If f(x)=x+2/x^2-9 and g(x)=11/x^2+3x
(a) find f(x)+g(x)
(b) list all of the excluded values
(c) classify each type of discontinuity
What is being asked in the problem, what plan and I going to try?
Solve step by step
(a) To find f(x)+g(x), we first need to add the two functions:
f(x) + g(x) = (x+2)/(x^2-9) + 11/(x^2+3x)
Next, find a common denominator for the two fractions:
f(x) + g(x) = (x+2)(x^2+3x) / ((x^2-9)(x^2+3x)) + 11(x^2-9) / ((x^2-9)(x^2+3x))
Now, combine the fractions:
f(x) + g(x) = (x^3 + 3x^2 + 2x + 11x^2 - 99) / (x^4 + 3x^3 - 9x^2 - 27x)
Simplify the numerator:
f(x) + g(x) = (x^3 + 14x^2 + 2x - 99) / (x^4 + 3x^3 - 9x^2 - 27x)
Therefore, f(x) + g(x) = (x^3 + 14x^2 + 2x - 99) / (x^4 + 3x^3 - 9x^2 - 27x)
(b) To find the excluded values, we need to identify where the denominator of the functions equals zero.
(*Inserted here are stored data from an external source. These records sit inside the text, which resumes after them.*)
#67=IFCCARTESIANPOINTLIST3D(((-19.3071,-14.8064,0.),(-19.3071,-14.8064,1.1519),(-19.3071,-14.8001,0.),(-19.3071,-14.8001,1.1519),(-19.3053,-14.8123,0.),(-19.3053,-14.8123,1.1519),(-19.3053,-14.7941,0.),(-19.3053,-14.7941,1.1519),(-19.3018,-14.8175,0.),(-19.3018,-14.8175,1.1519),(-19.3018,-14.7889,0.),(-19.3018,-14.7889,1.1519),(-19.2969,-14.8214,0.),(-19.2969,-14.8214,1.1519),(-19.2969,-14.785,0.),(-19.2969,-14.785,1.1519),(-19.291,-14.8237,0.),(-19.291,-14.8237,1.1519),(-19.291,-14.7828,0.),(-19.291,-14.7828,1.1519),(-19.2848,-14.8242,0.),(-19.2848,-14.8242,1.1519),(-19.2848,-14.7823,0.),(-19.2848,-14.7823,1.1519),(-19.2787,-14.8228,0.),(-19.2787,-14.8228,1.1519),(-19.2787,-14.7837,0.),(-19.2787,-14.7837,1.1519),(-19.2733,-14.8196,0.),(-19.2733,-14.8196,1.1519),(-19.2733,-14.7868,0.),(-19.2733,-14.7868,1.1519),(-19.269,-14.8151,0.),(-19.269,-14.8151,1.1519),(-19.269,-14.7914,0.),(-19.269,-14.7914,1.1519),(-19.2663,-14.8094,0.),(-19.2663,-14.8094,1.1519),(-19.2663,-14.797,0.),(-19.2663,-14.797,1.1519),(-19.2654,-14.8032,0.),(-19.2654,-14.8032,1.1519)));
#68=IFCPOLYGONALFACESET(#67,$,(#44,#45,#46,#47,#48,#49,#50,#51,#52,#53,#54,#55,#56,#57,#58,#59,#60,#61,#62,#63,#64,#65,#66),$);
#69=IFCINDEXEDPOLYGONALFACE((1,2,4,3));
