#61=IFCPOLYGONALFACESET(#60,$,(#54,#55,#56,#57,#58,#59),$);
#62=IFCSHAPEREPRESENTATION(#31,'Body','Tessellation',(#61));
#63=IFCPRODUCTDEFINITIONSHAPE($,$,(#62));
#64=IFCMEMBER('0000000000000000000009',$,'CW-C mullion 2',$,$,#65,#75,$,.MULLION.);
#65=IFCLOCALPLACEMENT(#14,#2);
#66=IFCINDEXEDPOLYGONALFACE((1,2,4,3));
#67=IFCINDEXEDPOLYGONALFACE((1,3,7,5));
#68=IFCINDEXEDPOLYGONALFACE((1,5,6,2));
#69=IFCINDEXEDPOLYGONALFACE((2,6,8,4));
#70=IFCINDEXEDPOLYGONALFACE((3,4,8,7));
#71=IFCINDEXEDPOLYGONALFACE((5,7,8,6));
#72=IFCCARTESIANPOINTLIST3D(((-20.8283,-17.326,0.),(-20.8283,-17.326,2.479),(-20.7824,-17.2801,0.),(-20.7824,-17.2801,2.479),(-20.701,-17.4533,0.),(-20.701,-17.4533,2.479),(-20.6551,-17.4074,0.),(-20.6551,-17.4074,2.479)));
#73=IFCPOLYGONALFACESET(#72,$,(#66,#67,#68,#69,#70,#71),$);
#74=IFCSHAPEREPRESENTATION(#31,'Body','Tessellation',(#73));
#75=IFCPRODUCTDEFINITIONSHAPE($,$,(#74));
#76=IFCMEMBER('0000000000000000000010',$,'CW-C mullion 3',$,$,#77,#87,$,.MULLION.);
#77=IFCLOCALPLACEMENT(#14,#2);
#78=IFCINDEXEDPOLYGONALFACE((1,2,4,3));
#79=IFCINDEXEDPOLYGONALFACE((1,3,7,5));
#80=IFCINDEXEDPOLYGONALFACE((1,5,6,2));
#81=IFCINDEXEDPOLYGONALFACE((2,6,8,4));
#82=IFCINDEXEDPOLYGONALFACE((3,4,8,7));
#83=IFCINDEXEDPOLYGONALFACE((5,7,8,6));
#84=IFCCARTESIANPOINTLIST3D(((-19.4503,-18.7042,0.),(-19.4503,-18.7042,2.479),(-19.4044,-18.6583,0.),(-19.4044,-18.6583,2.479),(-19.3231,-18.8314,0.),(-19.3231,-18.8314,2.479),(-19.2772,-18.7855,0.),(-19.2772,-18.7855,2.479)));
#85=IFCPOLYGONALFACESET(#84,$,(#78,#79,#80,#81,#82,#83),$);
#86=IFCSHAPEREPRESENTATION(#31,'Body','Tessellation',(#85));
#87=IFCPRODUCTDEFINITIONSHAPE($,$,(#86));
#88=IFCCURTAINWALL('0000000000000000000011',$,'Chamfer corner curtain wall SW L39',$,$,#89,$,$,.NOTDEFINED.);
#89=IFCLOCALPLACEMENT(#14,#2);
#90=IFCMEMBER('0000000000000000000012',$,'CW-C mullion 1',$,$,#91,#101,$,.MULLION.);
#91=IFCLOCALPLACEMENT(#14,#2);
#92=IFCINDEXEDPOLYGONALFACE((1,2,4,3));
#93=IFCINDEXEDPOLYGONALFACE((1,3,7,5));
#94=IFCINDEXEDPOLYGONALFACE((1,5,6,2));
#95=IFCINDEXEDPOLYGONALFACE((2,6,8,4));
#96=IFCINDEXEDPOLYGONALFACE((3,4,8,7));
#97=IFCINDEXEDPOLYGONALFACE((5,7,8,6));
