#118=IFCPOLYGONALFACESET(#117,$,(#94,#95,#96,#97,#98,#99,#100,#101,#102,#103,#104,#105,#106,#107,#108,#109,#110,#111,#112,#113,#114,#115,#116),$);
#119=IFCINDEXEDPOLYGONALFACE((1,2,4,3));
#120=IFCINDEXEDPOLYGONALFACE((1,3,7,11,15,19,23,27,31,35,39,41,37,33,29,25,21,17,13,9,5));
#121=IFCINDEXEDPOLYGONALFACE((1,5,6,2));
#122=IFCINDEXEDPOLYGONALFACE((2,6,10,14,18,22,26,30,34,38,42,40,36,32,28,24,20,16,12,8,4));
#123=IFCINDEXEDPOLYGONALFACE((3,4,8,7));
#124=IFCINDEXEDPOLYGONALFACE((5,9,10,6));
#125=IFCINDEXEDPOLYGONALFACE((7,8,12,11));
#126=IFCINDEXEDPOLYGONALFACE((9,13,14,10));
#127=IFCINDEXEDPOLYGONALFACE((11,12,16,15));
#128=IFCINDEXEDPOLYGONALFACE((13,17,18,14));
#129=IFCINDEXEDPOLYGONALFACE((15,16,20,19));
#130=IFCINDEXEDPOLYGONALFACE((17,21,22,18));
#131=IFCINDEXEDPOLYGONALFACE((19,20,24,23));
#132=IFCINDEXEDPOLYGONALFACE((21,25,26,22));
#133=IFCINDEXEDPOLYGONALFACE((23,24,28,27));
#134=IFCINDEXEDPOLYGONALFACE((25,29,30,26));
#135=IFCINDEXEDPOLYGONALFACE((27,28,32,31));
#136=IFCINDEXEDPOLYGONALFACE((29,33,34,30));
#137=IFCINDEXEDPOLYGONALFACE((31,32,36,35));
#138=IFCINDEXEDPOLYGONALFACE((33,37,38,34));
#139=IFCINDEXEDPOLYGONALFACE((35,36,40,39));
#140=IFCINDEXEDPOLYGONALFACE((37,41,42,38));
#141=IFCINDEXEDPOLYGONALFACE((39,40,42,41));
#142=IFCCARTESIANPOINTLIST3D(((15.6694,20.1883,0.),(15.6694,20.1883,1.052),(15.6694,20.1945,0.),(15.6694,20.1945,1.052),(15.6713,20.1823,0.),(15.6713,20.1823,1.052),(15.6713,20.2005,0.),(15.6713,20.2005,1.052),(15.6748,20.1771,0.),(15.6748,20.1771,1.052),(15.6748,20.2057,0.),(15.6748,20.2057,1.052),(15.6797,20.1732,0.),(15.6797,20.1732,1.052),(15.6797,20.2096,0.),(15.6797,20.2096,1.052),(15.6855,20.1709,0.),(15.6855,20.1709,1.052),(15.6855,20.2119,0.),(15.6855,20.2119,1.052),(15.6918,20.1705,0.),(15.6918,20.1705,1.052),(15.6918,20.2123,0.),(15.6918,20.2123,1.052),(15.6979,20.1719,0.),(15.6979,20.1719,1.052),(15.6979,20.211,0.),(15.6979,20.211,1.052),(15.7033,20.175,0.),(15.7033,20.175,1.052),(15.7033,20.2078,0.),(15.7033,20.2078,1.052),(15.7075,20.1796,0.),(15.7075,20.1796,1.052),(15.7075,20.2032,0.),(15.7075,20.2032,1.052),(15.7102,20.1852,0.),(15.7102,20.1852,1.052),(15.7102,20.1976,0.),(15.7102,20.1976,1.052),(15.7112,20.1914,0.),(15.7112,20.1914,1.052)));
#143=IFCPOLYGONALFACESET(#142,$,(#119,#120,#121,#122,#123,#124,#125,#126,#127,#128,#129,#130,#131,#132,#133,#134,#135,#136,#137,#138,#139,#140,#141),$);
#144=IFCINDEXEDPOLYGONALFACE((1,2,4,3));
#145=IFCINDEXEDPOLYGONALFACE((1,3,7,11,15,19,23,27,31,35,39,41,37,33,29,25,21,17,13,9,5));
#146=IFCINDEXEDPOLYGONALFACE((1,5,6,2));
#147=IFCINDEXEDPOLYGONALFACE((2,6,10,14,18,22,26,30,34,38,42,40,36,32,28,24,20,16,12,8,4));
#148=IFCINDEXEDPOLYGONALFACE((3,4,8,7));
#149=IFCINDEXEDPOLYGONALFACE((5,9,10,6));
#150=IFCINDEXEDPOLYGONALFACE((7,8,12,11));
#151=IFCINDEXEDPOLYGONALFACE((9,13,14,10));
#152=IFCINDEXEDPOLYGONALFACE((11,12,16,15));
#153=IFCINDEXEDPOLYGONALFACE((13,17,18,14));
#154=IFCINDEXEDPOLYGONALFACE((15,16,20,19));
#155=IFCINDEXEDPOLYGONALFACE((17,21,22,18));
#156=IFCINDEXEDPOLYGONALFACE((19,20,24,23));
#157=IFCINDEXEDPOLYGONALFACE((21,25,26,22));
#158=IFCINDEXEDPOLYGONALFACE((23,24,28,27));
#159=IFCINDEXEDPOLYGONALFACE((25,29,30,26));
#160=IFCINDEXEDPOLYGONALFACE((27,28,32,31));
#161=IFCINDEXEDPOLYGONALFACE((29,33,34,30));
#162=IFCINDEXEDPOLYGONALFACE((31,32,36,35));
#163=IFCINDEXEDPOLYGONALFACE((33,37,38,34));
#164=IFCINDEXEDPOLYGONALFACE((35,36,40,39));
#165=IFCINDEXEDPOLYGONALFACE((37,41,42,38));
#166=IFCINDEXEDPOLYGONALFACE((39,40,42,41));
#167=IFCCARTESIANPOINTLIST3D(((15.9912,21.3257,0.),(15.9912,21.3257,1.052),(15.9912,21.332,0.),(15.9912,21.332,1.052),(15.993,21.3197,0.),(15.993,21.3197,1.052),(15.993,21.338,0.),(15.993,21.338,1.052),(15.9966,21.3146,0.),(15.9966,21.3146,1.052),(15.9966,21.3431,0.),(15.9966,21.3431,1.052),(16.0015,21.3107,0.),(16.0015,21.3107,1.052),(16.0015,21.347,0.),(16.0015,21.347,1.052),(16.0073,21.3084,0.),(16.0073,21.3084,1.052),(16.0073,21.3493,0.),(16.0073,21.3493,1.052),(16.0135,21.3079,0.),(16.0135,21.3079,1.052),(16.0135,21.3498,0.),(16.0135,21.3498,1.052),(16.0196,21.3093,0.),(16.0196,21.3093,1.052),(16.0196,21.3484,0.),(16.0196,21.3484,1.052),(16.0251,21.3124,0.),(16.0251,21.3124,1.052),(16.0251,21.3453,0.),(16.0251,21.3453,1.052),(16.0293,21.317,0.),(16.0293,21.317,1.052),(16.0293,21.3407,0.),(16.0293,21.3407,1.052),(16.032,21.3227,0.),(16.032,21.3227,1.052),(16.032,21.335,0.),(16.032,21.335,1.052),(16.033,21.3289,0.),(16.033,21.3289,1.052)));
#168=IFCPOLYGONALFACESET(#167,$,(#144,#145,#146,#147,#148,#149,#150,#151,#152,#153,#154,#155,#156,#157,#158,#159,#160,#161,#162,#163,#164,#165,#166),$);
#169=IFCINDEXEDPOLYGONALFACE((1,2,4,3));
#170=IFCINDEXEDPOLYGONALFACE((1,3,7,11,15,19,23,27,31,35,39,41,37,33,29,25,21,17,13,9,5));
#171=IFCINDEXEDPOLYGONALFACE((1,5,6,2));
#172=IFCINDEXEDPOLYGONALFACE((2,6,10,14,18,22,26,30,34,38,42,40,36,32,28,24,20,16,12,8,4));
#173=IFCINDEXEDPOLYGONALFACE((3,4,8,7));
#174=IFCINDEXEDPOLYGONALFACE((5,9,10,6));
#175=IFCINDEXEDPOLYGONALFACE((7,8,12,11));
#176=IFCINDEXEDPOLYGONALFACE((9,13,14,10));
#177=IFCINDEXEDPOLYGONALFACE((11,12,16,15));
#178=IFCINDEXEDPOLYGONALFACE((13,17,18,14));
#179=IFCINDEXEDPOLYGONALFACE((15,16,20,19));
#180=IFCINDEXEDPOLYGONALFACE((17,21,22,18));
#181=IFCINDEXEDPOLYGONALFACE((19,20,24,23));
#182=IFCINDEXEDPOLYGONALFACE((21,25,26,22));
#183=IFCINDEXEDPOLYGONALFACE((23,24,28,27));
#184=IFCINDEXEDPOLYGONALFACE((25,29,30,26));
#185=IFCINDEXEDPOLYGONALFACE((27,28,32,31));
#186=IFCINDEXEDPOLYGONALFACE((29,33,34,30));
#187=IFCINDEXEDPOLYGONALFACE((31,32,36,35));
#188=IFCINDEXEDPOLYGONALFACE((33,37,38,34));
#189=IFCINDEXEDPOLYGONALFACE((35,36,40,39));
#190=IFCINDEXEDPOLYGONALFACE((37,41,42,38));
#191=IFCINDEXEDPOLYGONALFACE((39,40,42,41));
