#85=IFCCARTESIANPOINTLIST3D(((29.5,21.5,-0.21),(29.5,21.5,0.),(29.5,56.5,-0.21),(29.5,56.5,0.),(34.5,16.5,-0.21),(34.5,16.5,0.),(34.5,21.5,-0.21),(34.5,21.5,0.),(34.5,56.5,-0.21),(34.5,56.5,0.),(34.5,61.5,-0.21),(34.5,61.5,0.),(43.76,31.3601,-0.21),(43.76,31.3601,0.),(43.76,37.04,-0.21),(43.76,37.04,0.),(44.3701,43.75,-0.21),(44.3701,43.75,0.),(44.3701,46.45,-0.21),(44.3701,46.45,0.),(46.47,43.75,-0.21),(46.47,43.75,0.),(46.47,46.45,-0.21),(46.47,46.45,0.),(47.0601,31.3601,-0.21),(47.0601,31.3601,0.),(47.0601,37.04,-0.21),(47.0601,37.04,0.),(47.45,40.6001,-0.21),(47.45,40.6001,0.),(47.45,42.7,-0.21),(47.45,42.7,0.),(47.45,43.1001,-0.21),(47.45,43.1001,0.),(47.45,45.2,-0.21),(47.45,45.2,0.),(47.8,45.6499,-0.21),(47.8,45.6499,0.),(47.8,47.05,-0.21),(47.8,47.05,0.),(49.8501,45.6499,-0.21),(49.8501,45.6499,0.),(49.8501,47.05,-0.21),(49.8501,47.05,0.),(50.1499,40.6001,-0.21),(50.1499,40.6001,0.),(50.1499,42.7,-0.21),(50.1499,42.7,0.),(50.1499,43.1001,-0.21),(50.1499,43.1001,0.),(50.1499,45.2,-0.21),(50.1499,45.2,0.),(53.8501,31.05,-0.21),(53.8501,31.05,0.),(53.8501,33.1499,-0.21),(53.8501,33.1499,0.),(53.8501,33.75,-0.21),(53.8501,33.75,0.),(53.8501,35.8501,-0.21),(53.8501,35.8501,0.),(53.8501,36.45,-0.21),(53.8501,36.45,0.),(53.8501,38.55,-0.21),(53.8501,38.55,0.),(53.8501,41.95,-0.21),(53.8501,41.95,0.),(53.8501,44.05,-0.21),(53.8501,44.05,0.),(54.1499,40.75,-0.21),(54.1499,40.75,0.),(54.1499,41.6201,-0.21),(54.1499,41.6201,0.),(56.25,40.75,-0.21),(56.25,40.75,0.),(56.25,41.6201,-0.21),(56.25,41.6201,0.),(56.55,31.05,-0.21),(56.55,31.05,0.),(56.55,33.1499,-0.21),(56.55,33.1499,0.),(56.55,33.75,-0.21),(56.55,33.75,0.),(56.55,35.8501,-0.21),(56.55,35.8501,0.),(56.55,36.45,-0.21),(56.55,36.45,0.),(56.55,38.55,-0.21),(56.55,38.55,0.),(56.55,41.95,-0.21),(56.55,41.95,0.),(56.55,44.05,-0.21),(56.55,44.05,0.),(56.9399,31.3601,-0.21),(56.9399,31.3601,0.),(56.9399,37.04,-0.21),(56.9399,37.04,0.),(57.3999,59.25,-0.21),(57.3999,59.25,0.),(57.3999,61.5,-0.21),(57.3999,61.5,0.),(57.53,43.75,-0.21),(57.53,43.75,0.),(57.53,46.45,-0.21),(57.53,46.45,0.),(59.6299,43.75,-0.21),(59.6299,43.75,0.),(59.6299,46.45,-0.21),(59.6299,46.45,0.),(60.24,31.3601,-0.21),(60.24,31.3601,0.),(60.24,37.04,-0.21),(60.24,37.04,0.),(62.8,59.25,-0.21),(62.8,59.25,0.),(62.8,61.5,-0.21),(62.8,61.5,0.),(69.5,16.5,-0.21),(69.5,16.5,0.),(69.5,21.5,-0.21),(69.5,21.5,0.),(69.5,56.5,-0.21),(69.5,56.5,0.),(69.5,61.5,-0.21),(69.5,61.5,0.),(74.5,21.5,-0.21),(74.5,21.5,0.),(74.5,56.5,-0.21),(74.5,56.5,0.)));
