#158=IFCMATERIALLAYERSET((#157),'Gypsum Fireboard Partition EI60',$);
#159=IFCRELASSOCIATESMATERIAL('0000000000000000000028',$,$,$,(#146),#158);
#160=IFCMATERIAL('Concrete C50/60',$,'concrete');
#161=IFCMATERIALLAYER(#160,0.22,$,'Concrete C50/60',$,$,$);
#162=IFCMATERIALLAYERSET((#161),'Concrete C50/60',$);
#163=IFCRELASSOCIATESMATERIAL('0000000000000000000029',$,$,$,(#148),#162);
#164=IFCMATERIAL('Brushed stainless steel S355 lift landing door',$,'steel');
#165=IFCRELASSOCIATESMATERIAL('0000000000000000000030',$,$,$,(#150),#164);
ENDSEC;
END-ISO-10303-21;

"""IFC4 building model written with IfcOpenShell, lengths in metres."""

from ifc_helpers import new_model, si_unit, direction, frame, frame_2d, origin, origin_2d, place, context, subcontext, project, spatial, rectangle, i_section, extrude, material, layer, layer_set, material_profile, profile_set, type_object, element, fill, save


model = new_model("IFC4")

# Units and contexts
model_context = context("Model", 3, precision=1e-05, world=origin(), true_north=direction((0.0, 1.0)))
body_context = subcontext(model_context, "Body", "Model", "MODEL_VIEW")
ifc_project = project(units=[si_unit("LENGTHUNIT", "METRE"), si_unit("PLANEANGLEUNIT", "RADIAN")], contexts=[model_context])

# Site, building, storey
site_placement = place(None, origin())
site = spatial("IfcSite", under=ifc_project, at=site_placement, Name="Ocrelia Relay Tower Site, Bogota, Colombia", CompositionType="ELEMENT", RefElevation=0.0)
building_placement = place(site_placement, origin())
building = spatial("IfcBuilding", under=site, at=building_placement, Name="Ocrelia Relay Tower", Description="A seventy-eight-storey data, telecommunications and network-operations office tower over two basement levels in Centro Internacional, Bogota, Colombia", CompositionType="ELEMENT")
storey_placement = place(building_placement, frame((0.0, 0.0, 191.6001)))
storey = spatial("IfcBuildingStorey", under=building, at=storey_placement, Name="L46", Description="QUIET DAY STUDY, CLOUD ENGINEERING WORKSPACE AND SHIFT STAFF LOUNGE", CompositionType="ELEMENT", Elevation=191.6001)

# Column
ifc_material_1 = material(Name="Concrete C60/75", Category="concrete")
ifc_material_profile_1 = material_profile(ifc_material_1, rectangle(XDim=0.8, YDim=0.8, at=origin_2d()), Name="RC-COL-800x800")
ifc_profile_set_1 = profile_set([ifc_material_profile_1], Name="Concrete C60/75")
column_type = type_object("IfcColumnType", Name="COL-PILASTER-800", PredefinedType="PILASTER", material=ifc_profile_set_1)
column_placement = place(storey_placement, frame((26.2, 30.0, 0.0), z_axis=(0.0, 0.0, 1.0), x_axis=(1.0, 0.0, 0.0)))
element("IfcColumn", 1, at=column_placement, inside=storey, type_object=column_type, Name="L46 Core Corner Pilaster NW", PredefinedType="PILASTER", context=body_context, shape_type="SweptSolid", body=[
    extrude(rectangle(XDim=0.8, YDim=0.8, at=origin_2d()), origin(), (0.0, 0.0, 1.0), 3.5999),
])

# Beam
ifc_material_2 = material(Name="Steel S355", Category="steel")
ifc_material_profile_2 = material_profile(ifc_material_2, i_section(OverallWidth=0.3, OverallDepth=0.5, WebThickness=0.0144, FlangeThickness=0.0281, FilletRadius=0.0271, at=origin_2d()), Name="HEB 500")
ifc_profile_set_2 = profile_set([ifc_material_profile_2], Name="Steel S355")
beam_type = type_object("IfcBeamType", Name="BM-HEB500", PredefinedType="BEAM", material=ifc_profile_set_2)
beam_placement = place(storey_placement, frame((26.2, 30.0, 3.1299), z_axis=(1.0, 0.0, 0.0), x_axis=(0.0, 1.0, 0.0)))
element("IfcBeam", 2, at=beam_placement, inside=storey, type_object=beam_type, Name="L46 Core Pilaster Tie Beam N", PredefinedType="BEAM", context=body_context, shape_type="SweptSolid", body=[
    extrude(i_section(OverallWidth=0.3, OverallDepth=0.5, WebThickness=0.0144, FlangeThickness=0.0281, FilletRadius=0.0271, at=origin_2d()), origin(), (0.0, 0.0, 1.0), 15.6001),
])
In this case, we have two denominators: x^2 - 9 = 0 and x^2 + 3x = 0.
Solving x^2 - 9 = 0, we get x = ±3 as excluded values.
Solving x^2 + 3x = 0, we get x(x+3) = 0, so x = 0 and x = -3 are the excluded values.
Therefore, the excluded values are x = ±3, 0.
(c) To classify the types of discontinuity, we need to look at the behavior of the functions at the excluded values.
At x = 3 and x = -3, the functions have vertical asymptotes because the denominators approach zero.
At x = 0, the functions exhibit a removable discontinuity because the factor (x) cancels out from the numerator and denominator.